Think of the last time that you felt overwhelmed by your feelings. Your mind was in turmoil, your emotions out of control, and your nervous system had you by the throat. The promises of qigong may have been calling, but that was definitely not the time to practice. Trying to use finely-tuned techniques at this moment will only reinforce patterns of control and tension. Until you calm down a bit, it's better to find a more straightforward way to loosen up.
Go for a walk!
Some people ramble for a stronger heart, and others to maintain a healthy body weight. It can be an excellent way to loosen a sore back, build community, or even enhance creativity. Today, however, we will learn about strolling to ease the body-mind during times of distress.
It's become much more common in recent years to see people enjoying the benefits of this practice. A young mom gets frustrated with her kids and, rather than yelling at them, goes for a light walk to calm down. Somewhere an anxious grandfather is pacing in a hospital waiting room. He's going back and forth, shaking off some of his nervousness before hearing from the doctor. A college student strolls around the block before a test to clear their head and get grounded. These examples seem familiar and even obvious when you think of them, but don't be fooled by their simplicity. Use gentle movement as a healing tool whenever you experience intense feelings. You'll be astonished at how valuable it is to have such an uncomplicated method keeping you in a healthy mindset!
I had a close friend with a severe emotional imbalance when I was very young. She would quickly move between deep depressions and wild rages. We discovered she would feel much more stable when we walked around our elementary school together. So, we would tread the sidewalks of our Los Angeles suburb during times of overwhelm. Much later, she discovered meditation and medication as a way to lead a balanced life. But those simple walks were essential for many years to soothe a troubled heart.
The technique is wonderfully uncomplicated and perfectly safe for most bodies. Of course, if walking is uncomfortable or impossible for you at this time in your life, don't lose hope! Connect with me or another expert to design a gentle movement plan that works better for you.
Let's try an experiment. If you can, play this lesson on a mobile device, and take me for a walk with you. Otherwise, close your eyes and use your imagination as you listen.

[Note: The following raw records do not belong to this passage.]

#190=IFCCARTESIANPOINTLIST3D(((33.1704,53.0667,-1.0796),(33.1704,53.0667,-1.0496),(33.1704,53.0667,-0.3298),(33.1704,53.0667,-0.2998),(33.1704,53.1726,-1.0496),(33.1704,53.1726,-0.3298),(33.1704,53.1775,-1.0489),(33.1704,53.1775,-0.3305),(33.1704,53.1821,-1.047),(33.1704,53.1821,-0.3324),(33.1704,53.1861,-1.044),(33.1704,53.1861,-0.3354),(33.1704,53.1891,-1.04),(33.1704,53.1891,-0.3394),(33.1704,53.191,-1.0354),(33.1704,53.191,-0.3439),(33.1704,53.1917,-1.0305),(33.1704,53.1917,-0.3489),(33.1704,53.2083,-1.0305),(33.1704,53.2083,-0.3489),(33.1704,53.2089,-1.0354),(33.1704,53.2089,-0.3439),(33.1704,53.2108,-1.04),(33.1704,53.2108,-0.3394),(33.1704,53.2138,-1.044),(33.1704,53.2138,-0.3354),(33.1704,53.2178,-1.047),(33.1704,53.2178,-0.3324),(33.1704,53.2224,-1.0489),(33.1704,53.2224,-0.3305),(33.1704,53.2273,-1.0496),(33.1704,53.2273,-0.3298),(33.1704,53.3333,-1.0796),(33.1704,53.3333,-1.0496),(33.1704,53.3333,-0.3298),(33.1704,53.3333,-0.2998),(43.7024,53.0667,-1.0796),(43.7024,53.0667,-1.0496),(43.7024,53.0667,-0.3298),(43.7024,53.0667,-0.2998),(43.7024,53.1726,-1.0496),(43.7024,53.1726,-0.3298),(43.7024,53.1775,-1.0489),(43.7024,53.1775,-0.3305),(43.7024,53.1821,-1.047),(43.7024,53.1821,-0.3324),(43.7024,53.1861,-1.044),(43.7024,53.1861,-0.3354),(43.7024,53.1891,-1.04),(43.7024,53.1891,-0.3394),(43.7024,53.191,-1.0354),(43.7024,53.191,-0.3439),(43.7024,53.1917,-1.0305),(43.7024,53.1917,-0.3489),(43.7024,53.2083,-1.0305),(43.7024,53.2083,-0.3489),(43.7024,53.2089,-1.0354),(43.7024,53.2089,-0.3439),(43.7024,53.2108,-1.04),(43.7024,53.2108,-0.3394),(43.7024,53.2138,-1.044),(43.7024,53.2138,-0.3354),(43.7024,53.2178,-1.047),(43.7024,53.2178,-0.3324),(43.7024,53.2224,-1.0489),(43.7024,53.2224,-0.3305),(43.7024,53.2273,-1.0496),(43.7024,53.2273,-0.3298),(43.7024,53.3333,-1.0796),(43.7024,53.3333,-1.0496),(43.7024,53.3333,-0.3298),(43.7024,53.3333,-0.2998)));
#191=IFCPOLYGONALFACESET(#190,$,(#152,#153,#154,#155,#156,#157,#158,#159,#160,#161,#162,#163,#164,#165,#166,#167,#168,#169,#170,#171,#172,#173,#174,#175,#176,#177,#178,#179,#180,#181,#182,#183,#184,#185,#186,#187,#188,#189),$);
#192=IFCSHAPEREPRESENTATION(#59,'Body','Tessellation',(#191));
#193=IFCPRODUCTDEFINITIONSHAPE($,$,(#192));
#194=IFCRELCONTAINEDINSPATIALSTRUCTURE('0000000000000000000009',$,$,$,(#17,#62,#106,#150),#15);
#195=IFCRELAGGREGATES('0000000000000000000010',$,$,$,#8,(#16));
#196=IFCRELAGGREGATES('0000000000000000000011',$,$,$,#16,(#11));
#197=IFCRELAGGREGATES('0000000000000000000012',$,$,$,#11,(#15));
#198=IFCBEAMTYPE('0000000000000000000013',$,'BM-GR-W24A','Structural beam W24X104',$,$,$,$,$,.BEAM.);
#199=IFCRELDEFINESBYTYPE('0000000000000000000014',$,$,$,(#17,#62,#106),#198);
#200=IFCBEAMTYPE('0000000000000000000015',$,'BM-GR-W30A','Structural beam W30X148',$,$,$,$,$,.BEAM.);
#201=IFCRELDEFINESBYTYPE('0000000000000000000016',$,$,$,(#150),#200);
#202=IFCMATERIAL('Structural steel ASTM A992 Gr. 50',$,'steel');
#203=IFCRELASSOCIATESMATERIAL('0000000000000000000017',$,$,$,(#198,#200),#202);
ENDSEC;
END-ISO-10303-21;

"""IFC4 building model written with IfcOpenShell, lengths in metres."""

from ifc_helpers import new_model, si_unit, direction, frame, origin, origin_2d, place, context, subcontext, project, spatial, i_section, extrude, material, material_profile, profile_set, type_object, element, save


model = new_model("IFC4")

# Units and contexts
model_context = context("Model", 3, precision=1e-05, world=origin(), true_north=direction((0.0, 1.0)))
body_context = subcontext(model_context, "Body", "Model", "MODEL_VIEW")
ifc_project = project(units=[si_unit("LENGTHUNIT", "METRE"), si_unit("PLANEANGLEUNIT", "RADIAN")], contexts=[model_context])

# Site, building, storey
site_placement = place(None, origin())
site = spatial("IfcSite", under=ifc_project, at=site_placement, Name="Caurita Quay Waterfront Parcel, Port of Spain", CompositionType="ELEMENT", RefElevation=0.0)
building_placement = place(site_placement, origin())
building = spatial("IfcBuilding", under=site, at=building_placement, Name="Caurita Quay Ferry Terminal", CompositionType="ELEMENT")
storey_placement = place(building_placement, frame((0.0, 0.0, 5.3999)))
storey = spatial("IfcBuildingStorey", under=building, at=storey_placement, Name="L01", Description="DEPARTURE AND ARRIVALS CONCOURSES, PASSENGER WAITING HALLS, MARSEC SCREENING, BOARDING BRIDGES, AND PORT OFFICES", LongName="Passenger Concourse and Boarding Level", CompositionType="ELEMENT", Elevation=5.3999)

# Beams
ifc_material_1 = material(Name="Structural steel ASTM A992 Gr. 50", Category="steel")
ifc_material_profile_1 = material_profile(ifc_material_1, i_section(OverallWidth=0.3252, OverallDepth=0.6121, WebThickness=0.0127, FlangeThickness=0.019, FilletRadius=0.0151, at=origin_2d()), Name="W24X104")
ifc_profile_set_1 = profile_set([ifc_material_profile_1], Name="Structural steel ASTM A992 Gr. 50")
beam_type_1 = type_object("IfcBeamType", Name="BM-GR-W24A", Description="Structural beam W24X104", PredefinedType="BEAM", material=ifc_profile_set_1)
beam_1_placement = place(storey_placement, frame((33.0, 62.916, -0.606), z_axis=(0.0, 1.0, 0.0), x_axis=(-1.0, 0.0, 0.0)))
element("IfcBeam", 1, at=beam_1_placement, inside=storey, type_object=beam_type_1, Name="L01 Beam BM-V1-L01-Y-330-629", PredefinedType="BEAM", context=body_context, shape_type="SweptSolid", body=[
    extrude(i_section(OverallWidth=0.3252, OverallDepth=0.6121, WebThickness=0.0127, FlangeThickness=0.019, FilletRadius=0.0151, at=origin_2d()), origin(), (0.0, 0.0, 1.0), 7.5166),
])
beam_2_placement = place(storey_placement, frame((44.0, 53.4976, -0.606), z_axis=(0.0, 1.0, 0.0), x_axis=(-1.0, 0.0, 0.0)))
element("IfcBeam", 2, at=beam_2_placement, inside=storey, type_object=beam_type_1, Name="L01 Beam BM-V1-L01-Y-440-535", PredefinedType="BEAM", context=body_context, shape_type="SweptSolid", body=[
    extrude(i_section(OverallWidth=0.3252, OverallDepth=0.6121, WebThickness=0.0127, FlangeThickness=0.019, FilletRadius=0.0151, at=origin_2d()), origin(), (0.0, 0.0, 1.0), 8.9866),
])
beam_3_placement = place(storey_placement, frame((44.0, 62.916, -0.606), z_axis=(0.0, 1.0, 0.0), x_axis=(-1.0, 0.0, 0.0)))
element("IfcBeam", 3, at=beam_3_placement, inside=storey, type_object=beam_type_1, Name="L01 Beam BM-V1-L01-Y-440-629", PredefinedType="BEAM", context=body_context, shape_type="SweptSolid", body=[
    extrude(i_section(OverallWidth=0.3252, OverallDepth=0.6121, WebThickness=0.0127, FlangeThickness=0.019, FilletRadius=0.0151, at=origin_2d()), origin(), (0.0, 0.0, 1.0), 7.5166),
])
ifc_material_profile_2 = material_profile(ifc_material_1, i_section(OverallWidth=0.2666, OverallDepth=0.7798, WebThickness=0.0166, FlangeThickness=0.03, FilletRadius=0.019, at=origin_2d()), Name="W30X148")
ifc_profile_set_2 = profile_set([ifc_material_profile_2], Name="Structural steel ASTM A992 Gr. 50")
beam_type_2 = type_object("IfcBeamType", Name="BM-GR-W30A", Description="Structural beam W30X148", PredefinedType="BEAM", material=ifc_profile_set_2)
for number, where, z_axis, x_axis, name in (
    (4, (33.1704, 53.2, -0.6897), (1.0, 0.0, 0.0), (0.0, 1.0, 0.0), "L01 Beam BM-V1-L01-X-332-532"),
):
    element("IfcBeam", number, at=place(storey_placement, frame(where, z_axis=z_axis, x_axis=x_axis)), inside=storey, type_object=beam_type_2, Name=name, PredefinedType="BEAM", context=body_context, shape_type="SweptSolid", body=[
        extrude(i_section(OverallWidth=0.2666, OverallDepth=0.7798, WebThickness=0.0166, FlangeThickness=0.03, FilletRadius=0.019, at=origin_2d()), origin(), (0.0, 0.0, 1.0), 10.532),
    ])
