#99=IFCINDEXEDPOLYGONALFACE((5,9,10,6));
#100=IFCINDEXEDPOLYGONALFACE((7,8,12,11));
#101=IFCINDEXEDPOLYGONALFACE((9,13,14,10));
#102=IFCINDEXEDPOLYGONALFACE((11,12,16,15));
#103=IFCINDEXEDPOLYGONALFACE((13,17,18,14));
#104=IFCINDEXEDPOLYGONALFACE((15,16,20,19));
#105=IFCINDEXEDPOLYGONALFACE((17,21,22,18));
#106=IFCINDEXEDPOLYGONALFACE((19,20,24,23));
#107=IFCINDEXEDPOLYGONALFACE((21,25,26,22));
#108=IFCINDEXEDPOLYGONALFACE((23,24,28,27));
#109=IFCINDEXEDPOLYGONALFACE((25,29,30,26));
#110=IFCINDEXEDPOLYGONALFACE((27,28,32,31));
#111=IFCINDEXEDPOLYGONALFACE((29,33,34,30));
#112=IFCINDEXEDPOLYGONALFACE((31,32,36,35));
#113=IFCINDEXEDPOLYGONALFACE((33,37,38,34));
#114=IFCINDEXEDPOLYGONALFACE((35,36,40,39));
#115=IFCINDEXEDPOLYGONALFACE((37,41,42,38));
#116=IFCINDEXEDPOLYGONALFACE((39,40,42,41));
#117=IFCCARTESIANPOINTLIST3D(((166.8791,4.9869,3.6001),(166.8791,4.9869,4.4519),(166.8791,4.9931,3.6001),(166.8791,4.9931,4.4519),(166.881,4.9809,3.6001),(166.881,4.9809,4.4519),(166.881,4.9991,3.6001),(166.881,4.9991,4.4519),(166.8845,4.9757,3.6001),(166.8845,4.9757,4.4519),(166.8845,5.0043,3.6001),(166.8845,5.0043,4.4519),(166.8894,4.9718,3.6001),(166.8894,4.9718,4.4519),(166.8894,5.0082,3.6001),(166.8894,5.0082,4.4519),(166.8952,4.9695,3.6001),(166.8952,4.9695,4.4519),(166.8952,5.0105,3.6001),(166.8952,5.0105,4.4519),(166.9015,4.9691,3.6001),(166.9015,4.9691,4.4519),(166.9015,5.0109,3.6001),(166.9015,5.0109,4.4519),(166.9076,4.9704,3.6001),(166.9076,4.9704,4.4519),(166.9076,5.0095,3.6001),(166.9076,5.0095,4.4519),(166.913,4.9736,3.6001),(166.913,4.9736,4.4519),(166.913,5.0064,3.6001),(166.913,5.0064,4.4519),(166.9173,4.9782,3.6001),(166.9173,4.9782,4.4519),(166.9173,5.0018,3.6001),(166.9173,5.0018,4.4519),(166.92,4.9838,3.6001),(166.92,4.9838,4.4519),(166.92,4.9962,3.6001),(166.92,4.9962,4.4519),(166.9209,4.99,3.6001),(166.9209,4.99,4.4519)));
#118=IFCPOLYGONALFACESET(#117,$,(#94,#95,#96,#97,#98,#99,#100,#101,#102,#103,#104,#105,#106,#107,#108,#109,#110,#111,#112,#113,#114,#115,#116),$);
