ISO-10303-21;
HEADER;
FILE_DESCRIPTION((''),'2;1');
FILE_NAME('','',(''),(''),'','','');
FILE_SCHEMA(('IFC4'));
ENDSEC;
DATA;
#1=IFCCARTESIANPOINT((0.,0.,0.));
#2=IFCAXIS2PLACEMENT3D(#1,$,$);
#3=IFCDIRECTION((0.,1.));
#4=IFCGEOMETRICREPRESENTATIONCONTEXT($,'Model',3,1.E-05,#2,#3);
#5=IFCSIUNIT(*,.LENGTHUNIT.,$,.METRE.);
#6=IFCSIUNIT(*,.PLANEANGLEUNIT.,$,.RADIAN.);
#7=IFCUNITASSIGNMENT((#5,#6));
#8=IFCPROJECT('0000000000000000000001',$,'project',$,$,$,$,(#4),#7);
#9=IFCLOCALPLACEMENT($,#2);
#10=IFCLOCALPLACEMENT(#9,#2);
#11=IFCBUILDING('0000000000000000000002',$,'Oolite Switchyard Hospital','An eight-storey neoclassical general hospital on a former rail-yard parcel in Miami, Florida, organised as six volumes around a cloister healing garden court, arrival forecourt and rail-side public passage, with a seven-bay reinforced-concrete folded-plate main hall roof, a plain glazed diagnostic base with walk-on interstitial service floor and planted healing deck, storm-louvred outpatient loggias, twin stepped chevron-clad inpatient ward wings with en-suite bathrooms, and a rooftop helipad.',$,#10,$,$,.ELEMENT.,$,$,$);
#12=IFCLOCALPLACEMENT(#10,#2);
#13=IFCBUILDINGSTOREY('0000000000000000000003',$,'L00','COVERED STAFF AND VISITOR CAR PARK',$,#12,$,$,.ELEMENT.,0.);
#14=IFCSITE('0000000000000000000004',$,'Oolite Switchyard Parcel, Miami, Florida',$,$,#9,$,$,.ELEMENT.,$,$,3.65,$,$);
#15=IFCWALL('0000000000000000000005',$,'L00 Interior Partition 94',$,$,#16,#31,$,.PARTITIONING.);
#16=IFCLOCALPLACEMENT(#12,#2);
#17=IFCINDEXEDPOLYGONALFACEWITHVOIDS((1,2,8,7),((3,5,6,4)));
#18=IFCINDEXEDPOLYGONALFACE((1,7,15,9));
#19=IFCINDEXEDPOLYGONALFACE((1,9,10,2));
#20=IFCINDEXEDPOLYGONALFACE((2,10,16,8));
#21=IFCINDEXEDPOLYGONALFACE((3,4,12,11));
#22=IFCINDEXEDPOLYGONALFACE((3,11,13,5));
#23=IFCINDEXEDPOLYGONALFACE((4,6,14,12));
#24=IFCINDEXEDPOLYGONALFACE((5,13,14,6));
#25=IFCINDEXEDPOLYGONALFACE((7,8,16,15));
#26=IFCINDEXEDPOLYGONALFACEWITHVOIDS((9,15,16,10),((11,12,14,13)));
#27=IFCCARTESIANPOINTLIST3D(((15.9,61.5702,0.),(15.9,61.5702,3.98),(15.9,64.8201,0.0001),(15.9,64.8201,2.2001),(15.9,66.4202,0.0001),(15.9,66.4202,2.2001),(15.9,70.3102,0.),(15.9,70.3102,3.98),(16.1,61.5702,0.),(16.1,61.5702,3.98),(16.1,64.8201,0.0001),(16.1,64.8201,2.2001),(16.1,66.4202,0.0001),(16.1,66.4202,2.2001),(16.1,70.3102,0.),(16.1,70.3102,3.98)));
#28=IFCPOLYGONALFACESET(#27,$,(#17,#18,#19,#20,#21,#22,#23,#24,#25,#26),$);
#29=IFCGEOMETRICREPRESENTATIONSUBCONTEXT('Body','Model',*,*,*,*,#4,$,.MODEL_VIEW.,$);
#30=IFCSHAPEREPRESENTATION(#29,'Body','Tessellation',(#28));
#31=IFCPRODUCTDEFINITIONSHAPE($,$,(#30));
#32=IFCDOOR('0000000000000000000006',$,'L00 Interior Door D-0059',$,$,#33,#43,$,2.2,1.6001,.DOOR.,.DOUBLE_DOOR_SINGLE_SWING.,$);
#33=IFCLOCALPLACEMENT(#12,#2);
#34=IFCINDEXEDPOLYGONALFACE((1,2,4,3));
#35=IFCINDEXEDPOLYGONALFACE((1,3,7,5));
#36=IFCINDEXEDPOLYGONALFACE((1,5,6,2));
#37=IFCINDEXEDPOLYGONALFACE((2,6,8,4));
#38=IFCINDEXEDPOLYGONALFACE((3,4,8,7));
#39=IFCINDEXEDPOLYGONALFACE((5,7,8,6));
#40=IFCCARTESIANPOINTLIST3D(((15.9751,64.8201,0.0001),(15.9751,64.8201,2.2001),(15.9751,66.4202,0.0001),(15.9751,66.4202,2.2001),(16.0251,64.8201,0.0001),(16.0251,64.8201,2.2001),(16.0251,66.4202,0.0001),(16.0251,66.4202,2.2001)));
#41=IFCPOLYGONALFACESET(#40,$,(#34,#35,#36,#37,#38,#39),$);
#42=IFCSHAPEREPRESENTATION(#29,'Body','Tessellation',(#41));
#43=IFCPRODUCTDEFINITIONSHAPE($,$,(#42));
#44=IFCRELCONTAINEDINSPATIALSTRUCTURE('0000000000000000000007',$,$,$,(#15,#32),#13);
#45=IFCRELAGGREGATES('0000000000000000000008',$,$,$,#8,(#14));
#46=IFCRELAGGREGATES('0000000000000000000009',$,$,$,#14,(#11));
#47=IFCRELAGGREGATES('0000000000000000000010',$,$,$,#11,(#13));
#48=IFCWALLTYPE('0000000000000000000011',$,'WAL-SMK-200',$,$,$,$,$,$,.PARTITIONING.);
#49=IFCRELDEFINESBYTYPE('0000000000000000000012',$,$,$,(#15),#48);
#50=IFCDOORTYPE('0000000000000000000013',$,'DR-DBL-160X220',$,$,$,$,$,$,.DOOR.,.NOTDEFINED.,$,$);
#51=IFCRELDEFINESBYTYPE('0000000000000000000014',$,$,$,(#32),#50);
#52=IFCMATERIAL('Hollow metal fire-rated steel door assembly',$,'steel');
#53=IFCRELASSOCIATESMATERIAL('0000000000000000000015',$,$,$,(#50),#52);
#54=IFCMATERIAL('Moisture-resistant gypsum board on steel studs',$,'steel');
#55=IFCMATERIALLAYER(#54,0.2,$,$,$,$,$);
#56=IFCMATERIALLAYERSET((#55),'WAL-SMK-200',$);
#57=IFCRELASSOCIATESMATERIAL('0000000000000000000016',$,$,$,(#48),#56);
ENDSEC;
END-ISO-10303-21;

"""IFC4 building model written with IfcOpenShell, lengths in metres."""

from ifc_helpers import new_model, si_unit, direction, frame, frame_2d, origin, place, context, subcontext, project, spatial, rectangle, extrude, material, layer, layer_set, type_object, element, fill, save


model = new_model("IFC4")

# Units and contexts
model_context = context("Model", 3, precision=1e-05, world=origin(), true_north=direction((0.0, 1.0)))
body_context = subcontext(model_context, "Body", "Model", "MODEL_VIEW")
ifc_project = project(units=[si_unit("LENGTHUNIT", "METRE"), si_unit("PLANEANGLEUNIT", "RADIAN")], contexts=[model_context])

# Site, building, storey
site_placement = place(None, origin())
site = spatial("IfcSite", under=ifc_project, at=site_placement, Name="Oolite Switchyard Parcel, Miami, Florida", CompositionType="ELEMENT", RefElevation=3.65)
building_placement = place(site_placement, origin())
building = spatial("IfcBuilding", under=site, at=building_placement, Name="Oolite Switchyard Hospital", Description="An eight-storey neoclassical general hospital on a former rail-yard parcel in Miami, Florida, organised as six volumes around a cloister healing garden court, arrival forecourt and rail-side public passage, with a seven-bay reinforced-concrete folded-plate main hall roof, a plain glazed diagnostic base with walk-on interstitial service floor and planted healing deck, storm-louvred outpatient loggias, twin stepped chevron-clad inpatient ward wings with en-suite bathrooms, and a rooftop helipad.", CompositionType="ELEMENT")
storey_placement = place(building_placement, origin())
storey = spatial("IfcBuildingStorey", under=building, at=storey_placement, Name="L00", Description="COVERED STAFF AND VISITOR CAR PARK", CompositionType="ELEMENT", Elevation=0.0)

# Shared definitions
ifc_material_1 = material(Name="Moisture-resistant gypsum board on steel studs", Category="steel")

# Wall, opening, door
ifc_material_2 = material(Name="Hollow metal fire-rated steel door assembly", Category="steel")
door_type_1 = type_object("IfcDoorType", Name="DR-DBL-160X220", OperationType="NOTDEFINED", PredefinedType="DOOR", material=ifc_material_2)
ifc_layer_1 = layer(ifc_material_1, 0.2)
ifc_layer_set_1 = layer_set([ifc_layer_1], Name="WAL-SMK-200")
wall_type_1 = type_object("IfcWallType", Name="WAL-SMK-200", PredefinedType="PARTITIONING", material=ifc_layer_set_1)
wall_1_placement = place(storey_placement, frame((16.0, 61.5701, 0.0), z_axis=(0.0, 0.0, 1.0), x_axis=(0.0, 1.0, 0.0)))
wall_1 = element("IfcWall", 1, at=wall_1_placement, inside=storey, type_object=wall_type_1, Name="L00 Interior Partition 94", PredefinedType="PARTITIONING", context=body_context, shape_type="SweptSolid", body=[
    extrude(rectangle(XDim=8.74, YDim=0.2, at=frame_2d((4.3701, 0.0))), origin(), (0.0, 0.0, 1.0), 3.98),
])
opening_1_placement = place(wall_1_placement, frame((3.25, 0.0, 0.0)))
opening_1 = element("IfcOpeningElement", 2, at=opening_1_placement, cuts=wall_1, PredefinedType="OPENING", context=body_context, shape_type="SweptSolid", body=[
    extrude(rectangle(XDim=1.6001, YDim=2.2, at=frame_2d((0.8, 1.1001))), frame((0.0, 0.1099, 0.0), z_axis=(0.0, -1.0, 0.0), x_axis=(1.0, 0.0, 0.0)), (0.0, 0.0, 1.0), 0.22),
])
door_1_placement = place(opening_1_placement, origin())
door_1 = element("IfcDoor", 3, at=door_1_placement, inside=storey, type_object=door_type_1, Name="L00 Interior Door D-0059", OperationType="DOUBLE_DOOR_SINGLE_SWING", OverallHeight=2.2, OverallWidth=1.6001, PredefinedType="DOOR", context=body_context, shape_type="SweptSolid", body=[
    extrude(rectangle(XDim=1.6001, YDim=2.2, at=frame_2d((0.8, 1.1001))), frame((0.0, 0.0249, 0.0), z_axis=(0.0, -1.0, 0.0), x_axis=(1.0, 0.0, 0.0)), (0.0, 0.0, 1.0), 0.05),
])
fill(opening_1, door_1)

save(model, "model.ifc")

As you step out for your first practice, avoid setting a destination. This is a different kind of walk—more of a meandering stroll. We aren't heading anywhere in particular. Just let the feet go where they go.
Too often, we ignore the journey and focus entirely on our goal. How does it feel to wander without any concerns about progress? To be where you are right now. And now.
Notice your speed. Try walking faster until you detect when you're going too quickly to feel comfortable.
After a moment, slow down your pace until it no longer feels natural and effortless.
Continue speeding up and slowing down until you find the sweet spot—the perfect pacing for you at this moment. Not to break a sweat or raise your heart rate but to help you settle into a relaxed, calm state.
As you wander, continually notice ways to make your time even more pleasant and effortless. What were you ignoring that you could be enjoying instead?
Feel your feet making contact with the ground. What's the quality of the connection? How can you further soften and develop a relationship with the Earth that is more friendly and easy on your legs?
Notice your surroundings. Can you take them in and appreciate them? Or are you lost in your thoughts and feelings as you move? Allow yourself to settle into the present moment for this practice. Your thoughts and feelings will still be there when you get back home. They can wait.
Are you breathing comfortably and enjoying the fresh air? Or are you freezing your abdomen and muttering under your breath? Let it flow naturally and easily—no need to control it.
As we've discussed, emotions are simply an experience of the movement and non-movement of qi, like the weather systems between Earth & Sky. Often, emotional overwhelm comes when the qi is somehow stagnating within the body-mind. This turbulent moment is the perfect time to go for a leisurely walk. Let your mind wander as freely as your steps, which will help calm your system while gently circulating your energy. Later, when practicing Snake & Turtle, you can allow your qi to expand & consolidate, store & flow. But until you feel centered enough to explore those possibilities, take a stroll and chill out.
Whenever you feel these waves of emotion getting started, go for a peaceful walk rather than fighting the feelings. Don't try to interact with the thoughts directly. It's better to take a break from the experience and let your feet find a path for 20 minutes or so. You can always come back to your emotional burden afterward. But I'm betting that each time you try this free and easy wandering, you'll feel lighter and more liberated from your internal storm.
The Next Step:
This practice's primary goal is to be easygoing, effortless, and comfortable as you wander. Stay light and gentle, smiling at the sky and shaking the dust from your feet.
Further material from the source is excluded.